Question

$\int x^4 e^{x^5} \cos\left(e^{x^5}\right)\, dx$ is equal to:

• A. $\frac{1}{3} \sin(e^{x^5}) + C$
• B. $\frac{1}{4} \sin(e^{x^5}) + C$
• C. $\frac{1}{5} \sin(e^{x^5}) + C$
• D. $\sin(e^{x^5}) + C$
• E. $2 \sin(e^{x^5}) + C$

Hint:

When multiple functions are nested, start from the innermost part. Often, the exponential function's derivative includes both the exponential itself and the power function's derivative, making it a perfect candidate for $u$-substitution.

Answer 1

The Correct Option is C

Concept: This problem requires integration by substitution. Look for a complicated nested function whose derivative (or a multiple of it) appears elsewhere in the integrand. Here, $e^{x^5}$ is the nested function.

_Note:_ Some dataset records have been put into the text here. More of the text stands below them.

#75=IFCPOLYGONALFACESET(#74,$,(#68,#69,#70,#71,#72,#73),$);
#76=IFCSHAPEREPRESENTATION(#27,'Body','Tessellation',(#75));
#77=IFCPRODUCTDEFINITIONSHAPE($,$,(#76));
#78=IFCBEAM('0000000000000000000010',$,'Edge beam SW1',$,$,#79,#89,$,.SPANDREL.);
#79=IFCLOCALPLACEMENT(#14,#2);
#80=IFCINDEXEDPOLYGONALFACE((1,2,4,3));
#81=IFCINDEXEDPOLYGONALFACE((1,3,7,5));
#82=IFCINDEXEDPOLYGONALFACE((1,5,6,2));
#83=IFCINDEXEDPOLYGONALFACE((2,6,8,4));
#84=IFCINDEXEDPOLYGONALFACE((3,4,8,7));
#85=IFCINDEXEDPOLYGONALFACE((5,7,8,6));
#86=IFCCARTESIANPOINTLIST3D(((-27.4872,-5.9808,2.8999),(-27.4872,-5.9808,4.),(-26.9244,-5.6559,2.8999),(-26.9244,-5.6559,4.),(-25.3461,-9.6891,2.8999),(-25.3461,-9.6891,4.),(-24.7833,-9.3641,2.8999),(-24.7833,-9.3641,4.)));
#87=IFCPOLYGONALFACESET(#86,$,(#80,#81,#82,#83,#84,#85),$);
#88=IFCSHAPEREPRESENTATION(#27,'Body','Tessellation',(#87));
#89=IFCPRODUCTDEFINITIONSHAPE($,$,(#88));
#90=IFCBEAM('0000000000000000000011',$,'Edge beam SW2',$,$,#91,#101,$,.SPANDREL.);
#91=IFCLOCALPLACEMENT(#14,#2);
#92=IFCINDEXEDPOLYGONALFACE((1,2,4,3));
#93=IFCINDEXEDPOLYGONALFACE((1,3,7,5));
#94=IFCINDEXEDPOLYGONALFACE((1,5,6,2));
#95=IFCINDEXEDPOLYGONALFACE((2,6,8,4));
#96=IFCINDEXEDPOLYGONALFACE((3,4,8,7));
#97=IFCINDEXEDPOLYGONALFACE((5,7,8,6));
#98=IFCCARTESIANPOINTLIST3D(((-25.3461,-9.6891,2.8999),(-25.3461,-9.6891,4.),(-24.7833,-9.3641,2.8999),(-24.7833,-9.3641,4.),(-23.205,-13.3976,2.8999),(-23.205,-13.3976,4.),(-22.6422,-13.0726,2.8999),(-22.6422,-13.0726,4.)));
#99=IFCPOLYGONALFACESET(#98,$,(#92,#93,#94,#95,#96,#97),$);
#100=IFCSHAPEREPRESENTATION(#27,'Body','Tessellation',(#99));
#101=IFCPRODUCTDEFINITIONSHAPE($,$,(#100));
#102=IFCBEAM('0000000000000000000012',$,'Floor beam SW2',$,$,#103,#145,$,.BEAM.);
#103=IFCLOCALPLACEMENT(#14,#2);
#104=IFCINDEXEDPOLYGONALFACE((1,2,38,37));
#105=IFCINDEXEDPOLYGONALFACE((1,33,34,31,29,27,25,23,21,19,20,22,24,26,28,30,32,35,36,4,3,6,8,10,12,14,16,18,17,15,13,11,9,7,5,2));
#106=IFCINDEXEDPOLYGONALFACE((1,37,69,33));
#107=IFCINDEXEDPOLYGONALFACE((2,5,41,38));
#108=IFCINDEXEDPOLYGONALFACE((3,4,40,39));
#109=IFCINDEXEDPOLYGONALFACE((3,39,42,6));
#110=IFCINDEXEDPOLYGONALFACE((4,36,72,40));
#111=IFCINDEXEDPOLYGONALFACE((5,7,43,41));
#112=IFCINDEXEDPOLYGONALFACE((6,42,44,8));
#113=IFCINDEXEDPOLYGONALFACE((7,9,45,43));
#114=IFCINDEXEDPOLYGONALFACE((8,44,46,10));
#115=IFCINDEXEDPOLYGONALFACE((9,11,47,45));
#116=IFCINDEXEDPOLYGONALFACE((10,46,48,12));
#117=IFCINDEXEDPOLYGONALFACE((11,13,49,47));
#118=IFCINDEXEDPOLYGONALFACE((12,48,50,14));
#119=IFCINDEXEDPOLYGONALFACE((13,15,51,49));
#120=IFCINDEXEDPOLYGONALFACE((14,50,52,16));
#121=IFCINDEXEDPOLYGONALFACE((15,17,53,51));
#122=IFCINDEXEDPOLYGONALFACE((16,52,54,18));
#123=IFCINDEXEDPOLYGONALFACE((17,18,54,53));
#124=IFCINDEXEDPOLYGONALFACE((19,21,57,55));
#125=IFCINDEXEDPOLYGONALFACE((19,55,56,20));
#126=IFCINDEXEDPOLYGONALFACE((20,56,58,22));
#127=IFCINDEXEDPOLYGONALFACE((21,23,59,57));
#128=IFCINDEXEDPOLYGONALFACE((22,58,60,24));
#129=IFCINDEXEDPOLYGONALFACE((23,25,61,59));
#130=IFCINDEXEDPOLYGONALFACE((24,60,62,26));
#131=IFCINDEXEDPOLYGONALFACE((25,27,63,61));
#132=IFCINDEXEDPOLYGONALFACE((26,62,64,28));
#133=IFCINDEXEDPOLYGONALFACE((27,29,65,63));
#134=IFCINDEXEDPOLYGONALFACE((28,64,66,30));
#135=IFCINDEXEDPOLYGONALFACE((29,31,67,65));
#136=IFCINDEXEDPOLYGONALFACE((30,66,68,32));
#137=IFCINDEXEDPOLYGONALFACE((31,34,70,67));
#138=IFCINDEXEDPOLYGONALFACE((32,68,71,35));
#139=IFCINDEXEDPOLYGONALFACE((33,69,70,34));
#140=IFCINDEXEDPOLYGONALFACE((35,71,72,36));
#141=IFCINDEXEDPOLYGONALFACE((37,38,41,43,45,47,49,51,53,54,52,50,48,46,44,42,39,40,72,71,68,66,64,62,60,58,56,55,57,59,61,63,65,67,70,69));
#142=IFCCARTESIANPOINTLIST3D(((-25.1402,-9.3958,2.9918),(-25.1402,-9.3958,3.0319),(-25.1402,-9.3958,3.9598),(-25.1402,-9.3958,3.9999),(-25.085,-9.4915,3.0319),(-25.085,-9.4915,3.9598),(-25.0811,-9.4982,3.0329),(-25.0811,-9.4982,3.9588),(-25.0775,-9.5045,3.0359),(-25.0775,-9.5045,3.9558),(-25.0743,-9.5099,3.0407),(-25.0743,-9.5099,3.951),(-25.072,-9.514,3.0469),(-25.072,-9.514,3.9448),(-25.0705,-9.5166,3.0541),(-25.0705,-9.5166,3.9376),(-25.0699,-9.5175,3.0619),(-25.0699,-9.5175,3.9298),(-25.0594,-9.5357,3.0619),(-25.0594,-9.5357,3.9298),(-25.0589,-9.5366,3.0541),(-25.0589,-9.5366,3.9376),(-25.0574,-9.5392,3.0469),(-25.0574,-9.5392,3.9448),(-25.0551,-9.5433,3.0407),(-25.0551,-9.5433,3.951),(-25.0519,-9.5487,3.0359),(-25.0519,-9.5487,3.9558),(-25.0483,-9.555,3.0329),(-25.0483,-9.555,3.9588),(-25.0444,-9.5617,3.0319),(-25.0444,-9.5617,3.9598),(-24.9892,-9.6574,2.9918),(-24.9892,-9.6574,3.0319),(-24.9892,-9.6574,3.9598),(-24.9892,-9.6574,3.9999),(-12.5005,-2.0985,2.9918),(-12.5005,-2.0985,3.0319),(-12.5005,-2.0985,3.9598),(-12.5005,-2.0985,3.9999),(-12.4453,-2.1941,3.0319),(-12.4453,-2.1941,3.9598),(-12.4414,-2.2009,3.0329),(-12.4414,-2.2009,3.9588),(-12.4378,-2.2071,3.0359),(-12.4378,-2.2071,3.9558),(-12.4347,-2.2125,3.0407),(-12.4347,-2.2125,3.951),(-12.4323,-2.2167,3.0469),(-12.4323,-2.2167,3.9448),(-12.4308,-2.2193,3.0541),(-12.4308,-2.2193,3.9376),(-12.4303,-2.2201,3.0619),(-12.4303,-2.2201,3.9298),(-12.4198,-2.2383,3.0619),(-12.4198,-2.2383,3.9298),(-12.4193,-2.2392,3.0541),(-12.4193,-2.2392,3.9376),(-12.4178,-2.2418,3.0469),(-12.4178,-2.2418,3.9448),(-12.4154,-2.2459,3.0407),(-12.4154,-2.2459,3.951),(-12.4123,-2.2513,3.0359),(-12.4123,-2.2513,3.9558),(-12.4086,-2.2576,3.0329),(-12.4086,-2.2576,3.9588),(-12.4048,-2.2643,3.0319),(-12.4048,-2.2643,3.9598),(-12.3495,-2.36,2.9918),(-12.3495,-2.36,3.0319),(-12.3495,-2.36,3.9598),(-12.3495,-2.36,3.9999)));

Step 1: Apply the substitution.
Let $u = e^{x^5}$. Differentiate with respect to $x$ using the chain rule: \[ \frac{du}{dx} = e^{x^5} \cdot \frac{d}{dx}(x^5) = e^{x^5} \cdot 5x^4 \] \[ du = 5x^4 e^{x^5} dx \quad \Rightarrow \quad \frac{1}{5} du = x^4 e^{x^5} dx \]

Step 2: Rewrite the integral in terms of $u$.
Substitute the terms identified in Step 1 into the original integral: \[ \int \cos(u) \cdot \frac{1}{5} du \] \[ = \frac{1}{5} \int \cos(u) du \]

Step 3: Integrate and substitute back.
Since $\int \cos(u) du = \sin(u) + C$: \[ = \frac{1}{5} \sin(u) + C \] Substitute back $u = e^{x^5}$: \[ = \frac{1}{5} \sin(e^{x^5}) + C \]